At this point I am uncertain who, exactly, said that Nature abhors a vacuum (I think Aristotle, but I will check before I publish.  If I am right, you will never know that it was ever in doubt.  If I am wrong, you will just never know.) but I am inclined to disagree.  (Check him out, disagreeing with an ancient Greek.  Who does he think he is?)  I think that nature loves a vacuum because it gives it somewhere to dump all the excess baggage it has been lugging around for far too long.  I had just begun to sort the spaghetti jumble between my ears and laid it all out neatly, like a raffia placemat, in preparation for my refocus, when all the unused crap that I had forgotten was up there rushed in to fill the void.  Every half-baked, unresolved idea I ever had, thrown into a bowl with my lovely linear pasta and stirred wildly until there was no chance of ever separating the olives from the anchovies, but similarly, no point in emptying it all again, because I had no idea of what might replace it.  (If it is anything to do with beetroot, my time here is done!)  I put a lid on it, pushed it into the fridge and hoped that by the time I got it out again, it might have turned itself into a traybake.

In 1979, a musician called Judie Tzuke dropped an album called ‘Welcome to the Cruise’ including the single ‘Stay With Me ‘Til Dawn’: they are probably to this day the only things that most people will remember her for (if they remember her at all).  Yet she has consistently produced great music ever since and yesterday her twenty-second studio album dropped onto my doormat (Jude the Unsinkable should you wish to search it out) and an empty cranium was the perfect place to lodge the songs.  Very little cheers me as much as new music.
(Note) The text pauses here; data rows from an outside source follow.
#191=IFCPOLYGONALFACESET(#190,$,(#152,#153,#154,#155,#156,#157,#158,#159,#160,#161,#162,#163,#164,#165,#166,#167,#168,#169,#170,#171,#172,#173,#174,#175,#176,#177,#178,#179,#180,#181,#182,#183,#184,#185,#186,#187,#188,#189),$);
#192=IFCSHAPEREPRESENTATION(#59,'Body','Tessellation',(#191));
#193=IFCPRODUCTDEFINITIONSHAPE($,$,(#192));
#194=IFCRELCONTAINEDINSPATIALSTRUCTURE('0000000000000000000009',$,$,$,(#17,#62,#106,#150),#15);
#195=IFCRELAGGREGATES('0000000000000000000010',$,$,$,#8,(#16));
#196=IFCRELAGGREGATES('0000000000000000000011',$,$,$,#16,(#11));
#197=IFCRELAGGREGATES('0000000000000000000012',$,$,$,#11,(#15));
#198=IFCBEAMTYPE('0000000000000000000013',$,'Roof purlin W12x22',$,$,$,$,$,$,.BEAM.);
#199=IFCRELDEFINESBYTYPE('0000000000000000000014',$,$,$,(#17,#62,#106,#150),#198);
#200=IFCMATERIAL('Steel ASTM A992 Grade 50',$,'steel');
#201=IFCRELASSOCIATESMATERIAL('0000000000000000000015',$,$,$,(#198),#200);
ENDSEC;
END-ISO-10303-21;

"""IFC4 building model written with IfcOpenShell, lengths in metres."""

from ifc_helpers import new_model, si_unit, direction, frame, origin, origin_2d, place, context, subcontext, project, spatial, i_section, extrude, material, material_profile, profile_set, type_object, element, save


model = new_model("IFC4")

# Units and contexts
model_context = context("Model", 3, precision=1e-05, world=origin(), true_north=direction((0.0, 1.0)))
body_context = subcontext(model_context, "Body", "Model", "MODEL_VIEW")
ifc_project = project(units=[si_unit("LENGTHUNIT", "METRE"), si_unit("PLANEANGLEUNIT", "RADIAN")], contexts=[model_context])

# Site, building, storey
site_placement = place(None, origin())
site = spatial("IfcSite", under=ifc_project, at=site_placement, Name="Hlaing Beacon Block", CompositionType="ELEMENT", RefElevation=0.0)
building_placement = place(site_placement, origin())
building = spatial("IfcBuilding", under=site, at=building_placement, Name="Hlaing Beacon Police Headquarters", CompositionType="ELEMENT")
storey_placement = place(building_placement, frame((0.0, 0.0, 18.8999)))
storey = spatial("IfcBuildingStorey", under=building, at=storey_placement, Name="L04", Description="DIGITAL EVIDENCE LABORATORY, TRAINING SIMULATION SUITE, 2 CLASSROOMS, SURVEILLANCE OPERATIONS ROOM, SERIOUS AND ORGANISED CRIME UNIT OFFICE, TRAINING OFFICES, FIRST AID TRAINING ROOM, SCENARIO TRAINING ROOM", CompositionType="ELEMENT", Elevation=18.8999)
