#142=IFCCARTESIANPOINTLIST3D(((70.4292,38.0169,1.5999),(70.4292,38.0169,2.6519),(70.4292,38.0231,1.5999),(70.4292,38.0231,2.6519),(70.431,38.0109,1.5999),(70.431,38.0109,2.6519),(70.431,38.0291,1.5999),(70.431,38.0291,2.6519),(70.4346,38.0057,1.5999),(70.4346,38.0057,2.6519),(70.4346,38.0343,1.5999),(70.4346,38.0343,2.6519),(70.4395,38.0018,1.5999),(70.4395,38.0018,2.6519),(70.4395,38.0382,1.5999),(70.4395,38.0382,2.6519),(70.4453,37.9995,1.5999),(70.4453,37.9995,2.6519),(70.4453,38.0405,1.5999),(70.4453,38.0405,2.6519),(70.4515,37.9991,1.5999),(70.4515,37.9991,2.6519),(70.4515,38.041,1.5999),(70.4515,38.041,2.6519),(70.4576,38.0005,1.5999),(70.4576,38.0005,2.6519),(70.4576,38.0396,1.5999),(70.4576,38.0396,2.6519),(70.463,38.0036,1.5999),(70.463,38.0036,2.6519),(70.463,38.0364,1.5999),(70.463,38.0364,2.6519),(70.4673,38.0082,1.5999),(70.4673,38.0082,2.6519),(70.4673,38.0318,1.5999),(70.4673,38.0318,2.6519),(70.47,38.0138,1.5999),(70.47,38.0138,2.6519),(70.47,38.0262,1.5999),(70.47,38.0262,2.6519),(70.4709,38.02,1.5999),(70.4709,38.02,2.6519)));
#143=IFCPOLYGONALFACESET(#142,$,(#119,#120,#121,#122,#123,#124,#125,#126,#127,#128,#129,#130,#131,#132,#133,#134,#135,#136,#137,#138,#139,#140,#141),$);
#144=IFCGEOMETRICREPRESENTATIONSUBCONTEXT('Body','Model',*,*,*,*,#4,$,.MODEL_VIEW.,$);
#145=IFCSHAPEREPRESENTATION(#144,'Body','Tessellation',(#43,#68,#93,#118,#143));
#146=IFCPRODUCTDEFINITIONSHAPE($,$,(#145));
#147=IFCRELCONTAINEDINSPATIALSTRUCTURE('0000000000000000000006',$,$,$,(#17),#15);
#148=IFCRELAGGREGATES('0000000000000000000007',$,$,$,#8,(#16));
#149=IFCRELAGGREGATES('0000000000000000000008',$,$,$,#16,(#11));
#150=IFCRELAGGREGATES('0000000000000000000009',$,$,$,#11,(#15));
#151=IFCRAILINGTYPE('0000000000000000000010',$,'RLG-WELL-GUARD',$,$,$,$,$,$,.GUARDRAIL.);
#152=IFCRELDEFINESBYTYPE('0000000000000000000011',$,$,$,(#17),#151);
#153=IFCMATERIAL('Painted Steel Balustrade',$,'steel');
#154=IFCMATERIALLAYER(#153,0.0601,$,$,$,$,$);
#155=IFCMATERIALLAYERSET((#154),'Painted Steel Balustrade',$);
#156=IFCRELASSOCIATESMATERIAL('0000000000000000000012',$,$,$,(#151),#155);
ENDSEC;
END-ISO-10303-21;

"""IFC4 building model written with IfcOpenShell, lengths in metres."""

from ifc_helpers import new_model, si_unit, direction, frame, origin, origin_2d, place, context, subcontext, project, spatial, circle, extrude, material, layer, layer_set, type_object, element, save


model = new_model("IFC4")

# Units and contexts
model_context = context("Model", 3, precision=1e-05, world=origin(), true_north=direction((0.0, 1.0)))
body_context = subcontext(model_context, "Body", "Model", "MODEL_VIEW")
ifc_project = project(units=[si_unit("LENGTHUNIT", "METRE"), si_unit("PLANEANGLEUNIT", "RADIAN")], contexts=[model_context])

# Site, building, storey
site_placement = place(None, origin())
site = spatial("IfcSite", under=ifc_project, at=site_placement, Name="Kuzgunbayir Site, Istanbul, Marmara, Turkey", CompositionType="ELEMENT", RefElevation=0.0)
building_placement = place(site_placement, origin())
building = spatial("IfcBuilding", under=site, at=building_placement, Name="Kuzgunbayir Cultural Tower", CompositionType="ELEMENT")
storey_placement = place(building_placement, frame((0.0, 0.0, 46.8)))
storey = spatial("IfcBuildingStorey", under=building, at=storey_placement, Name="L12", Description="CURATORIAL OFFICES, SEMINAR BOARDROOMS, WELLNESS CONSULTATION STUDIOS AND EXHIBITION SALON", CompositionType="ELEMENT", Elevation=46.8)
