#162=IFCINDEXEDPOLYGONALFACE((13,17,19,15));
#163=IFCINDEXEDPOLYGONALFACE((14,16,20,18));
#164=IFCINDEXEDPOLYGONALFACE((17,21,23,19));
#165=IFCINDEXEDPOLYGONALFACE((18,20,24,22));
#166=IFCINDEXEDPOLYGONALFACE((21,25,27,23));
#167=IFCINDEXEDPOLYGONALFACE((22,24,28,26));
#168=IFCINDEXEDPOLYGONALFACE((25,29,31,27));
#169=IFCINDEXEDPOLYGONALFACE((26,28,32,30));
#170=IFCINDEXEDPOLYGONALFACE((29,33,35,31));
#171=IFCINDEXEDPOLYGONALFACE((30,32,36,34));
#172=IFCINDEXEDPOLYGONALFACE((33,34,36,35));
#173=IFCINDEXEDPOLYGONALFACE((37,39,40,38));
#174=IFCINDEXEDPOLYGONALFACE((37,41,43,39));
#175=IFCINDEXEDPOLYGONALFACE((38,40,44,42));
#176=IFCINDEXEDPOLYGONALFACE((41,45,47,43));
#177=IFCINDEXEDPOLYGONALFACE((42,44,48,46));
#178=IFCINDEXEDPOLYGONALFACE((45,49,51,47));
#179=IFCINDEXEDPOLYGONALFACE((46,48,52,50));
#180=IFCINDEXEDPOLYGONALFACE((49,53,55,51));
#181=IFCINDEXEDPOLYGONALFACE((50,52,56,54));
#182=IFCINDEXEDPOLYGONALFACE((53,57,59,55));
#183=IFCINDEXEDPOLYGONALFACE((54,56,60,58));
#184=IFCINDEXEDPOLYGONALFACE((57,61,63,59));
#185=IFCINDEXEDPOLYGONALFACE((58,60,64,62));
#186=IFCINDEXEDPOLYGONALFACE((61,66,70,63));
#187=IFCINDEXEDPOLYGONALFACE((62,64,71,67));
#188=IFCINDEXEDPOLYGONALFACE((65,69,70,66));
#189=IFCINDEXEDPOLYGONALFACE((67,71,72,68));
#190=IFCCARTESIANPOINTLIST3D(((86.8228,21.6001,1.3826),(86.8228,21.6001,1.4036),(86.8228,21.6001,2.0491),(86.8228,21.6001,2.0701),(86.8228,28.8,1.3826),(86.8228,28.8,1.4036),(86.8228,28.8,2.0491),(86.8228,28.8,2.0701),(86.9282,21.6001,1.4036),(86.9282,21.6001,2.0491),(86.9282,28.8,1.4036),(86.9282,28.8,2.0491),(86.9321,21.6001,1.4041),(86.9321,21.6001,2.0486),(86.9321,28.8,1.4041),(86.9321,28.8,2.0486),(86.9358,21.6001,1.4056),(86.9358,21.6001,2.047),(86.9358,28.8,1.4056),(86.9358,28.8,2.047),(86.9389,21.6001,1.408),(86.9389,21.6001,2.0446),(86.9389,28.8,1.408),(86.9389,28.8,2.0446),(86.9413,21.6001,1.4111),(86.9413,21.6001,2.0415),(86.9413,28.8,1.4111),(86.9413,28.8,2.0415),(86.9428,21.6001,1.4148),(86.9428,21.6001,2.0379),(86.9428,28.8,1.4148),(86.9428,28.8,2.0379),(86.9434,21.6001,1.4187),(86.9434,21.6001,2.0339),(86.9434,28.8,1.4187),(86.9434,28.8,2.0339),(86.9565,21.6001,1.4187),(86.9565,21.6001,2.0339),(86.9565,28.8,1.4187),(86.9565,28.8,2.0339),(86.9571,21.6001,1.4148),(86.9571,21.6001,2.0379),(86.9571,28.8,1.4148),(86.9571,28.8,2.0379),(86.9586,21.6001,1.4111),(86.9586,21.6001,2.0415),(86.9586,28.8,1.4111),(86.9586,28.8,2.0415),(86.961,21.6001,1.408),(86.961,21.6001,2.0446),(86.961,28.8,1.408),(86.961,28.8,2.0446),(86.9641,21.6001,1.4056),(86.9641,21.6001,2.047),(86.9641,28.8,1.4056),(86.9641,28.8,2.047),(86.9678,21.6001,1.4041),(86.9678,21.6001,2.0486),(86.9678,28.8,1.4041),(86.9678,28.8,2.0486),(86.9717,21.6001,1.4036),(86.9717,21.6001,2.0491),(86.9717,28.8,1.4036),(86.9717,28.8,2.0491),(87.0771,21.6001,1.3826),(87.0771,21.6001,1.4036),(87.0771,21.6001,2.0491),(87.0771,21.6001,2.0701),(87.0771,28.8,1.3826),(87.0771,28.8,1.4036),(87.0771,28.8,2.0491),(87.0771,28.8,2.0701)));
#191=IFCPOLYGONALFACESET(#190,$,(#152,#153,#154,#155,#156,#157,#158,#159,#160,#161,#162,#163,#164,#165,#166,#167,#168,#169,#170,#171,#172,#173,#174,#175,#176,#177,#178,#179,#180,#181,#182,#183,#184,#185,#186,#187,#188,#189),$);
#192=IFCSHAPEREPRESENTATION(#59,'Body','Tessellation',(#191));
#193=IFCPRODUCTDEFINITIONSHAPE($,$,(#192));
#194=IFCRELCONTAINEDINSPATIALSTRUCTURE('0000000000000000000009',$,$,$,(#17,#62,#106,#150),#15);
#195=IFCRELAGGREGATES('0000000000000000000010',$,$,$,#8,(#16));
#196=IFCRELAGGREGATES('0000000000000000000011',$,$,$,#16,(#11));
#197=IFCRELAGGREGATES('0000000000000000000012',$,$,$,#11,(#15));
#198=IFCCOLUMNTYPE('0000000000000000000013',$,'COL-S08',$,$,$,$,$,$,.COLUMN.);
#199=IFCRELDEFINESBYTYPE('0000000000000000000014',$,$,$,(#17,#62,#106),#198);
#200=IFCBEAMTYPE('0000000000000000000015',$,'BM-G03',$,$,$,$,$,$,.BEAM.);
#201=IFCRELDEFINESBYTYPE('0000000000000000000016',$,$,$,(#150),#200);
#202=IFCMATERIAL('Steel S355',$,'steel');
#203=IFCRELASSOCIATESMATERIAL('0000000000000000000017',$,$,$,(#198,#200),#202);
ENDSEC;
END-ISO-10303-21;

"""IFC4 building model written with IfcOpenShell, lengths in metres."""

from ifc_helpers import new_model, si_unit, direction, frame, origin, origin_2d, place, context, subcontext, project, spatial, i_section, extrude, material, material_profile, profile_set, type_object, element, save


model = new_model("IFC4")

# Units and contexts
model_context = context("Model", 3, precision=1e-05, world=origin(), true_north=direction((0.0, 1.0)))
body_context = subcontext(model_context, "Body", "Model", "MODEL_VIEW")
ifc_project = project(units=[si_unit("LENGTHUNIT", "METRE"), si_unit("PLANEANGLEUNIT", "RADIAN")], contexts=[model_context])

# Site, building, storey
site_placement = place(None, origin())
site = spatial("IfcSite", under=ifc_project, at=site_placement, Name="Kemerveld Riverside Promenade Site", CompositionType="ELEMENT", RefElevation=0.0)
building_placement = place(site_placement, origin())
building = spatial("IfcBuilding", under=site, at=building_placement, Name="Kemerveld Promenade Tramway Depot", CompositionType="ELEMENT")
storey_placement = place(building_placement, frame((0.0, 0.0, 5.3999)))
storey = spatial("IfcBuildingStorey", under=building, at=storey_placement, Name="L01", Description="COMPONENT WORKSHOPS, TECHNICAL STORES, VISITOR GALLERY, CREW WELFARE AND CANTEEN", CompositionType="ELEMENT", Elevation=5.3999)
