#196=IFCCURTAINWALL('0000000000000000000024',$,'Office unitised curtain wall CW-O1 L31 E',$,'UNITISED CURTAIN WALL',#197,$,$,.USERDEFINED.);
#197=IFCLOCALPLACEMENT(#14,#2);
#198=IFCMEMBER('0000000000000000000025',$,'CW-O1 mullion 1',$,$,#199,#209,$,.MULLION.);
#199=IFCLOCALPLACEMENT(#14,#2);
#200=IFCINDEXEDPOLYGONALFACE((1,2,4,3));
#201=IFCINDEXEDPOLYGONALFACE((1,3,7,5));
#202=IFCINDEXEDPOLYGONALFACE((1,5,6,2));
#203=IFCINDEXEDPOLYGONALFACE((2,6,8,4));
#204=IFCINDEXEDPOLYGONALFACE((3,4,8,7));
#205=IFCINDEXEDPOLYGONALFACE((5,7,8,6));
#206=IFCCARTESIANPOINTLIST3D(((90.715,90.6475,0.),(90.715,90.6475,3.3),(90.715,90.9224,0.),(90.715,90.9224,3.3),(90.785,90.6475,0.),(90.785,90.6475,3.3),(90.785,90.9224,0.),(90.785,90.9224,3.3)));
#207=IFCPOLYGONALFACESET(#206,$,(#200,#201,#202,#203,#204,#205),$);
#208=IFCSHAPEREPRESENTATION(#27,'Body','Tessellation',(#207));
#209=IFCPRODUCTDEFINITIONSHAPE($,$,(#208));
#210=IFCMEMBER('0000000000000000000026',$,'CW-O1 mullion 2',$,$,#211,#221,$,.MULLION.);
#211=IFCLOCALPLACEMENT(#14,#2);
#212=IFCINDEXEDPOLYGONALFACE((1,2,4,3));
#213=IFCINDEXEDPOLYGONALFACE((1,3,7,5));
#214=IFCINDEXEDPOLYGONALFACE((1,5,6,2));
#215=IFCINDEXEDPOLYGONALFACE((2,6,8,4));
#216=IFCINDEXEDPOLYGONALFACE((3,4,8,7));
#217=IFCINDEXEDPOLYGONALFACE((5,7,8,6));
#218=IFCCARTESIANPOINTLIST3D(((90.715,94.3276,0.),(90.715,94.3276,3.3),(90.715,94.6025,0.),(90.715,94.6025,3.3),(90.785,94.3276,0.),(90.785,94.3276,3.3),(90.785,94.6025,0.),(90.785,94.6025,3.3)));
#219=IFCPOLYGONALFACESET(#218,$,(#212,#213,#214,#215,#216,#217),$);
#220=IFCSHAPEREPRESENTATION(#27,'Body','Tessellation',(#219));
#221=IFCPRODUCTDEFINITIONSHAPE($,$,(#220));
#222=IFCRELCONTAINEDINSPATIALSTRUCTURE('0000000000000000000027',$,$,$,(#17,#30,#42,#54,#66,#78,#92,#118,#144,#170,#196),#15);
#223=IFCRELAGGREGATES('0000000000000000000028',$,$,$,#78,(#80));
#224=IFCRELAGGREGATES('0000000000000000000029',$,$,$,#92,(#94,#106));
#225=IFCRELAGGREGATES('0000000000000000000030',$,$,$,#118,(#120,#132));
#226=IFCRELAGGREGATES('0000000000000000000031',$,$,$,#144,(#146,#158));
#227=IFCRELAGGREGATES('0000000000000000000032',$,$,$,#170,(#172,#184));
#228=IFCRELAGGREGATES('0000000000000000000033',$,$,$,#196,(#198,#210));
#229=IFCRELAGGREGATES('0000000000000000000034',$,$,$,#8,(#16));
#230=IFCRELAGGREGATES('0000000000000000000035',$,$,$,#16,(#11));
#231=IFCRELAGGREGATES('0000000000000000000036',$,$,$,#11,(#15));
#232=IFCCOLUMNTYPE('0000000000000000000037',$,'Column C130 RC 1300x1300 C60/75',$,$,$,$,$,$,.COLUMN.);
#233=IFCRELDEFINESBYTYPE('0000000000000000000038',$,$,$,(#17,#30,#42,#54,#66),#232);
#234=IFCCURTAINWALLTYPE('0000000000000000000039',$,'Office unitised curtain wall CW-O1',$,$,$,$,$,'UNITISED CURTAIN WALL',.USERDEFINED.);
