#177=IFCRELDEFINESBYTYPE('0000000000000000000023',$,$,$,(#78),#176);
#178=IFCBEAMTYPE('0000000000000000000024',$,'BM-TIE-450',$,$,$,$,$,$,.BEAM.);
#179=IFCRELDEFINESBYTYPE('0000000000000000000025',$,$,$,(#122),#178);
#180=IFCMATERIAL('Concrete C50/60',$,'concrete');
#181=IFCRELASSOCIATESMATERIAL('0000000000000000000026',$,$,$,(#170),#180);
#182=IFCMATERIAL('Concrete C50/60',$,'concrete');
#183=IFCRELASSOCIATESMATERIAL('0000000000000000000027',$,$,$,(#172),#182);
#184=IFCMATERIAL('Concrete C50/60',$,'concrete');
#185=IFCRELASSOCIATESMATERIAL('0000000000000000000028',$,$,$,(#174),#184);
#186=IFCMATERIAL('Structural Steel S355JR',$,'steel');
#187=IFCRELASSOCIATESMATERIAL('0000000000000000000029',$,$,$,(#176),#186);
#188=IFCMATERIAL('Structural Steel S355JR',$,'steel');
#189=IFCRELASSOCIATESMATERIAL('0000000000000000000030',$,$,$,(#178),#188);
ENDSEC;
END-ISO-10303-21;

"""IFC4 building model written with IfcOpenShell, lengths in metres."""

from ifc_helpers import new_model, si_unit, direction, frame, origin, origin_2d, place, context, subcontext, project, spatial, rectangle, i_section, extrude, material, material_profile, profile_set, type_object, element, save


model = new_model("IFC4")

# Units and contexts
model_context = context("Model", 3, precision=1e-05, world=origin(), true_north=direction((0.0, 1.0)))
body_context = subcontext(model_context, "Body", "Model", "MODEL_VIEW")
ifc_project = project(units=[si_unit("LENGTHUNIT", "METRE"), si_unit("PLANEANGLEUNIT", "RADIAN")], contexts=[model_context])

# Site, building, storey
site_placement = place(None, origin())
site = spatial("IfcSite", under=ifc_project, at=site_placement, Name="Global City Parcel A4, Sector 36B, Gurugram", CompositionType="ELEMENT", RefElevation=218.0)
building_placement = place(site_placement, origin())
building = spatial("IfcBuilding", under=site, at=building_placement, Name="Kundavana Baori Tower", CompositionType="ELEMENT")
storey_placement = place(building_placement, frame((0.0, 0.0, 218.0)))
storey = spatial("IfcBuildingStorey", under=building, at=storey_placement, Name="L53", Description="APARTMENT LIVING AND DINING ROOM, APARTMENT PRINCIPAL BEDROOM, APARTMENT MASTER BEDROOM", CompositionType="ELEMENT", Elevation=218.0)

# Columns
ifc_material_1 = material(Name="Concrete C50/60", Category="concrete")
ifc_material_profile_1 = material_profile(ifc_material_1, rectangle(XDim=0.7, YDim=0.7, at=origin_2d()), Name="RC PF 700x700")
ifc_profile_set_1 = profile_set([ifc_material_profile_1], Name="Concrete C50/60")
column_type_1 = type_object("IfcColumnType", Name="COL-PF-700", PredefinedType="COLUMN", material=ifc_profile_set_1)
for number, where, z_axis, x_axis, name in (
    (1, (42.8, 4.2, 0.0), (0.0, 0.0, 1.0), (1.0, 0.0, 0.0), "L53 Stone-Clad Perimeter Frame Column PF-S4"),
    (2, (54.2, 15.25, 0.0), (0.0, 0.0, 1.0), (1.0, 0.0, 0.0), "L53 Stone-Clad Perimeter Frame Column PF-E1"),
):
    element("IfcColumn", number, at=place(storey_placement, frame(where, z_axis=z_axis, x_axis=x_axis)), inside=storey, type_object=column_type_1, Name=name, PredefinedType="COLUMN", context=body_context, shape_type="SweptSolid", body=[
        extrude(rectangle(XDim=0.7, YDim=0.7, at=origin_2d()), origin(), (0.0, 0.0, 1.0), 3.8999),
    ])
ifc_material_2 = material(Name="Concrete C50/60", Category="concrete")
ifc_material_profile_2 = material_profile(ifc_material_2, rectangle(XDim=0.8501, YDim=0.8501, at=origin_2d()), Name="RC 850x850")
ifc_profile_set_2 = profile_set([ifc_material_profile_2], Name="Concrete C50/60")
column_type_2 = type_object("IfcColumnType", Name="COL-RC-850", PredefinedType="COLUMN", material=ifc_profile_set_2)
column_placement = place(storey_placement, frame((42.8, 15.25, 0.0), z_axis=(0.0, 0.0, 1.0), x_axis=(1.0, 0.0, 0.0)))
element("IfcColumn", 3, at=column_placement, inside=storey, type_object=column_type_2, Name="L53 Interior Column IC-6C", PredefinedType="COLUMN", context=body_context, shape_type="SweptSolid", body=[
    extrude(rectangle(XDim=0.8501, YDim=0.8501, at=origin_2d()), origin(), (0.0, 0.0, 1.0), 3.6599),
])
Then, a little later the same day, I received an email from Amazon informing me that the inestimable Petra Jacobs (formerly Inkbiotic on this very site) has a new book that I might care to read.  Well yes, thank you Mr Jassy, I certainly would.  The notion of spending a few hundred pages tucked up in Ms Jacobs’ febrile imagination would suit me very well indeed.

Any-old-how, by then positively content – approaching cheery I would say – I decided that I would leave my head alone: that things would somehow or other ‘sort themselves out’ as I wrote – they always have in the past, haven’t they?* – and that is where I find myself today: back from a couple of days off with a brainful of minestrone and just a fork to eat it with.  As ever, I carry the conviction that crouton-like, something will bob to the surface and present itself to me in a form that will allow me to smother it in parmesan and serve it up in immaculate, tiny portions – possibly with braised samfire and a slightly warm House White…

…although, sadly, for now the raffia placemat is otherwise engaged.

*The truthful answer to this question is, of course, ‘No’, but this is my own deluded blog, so we’ll just gloss over it for now.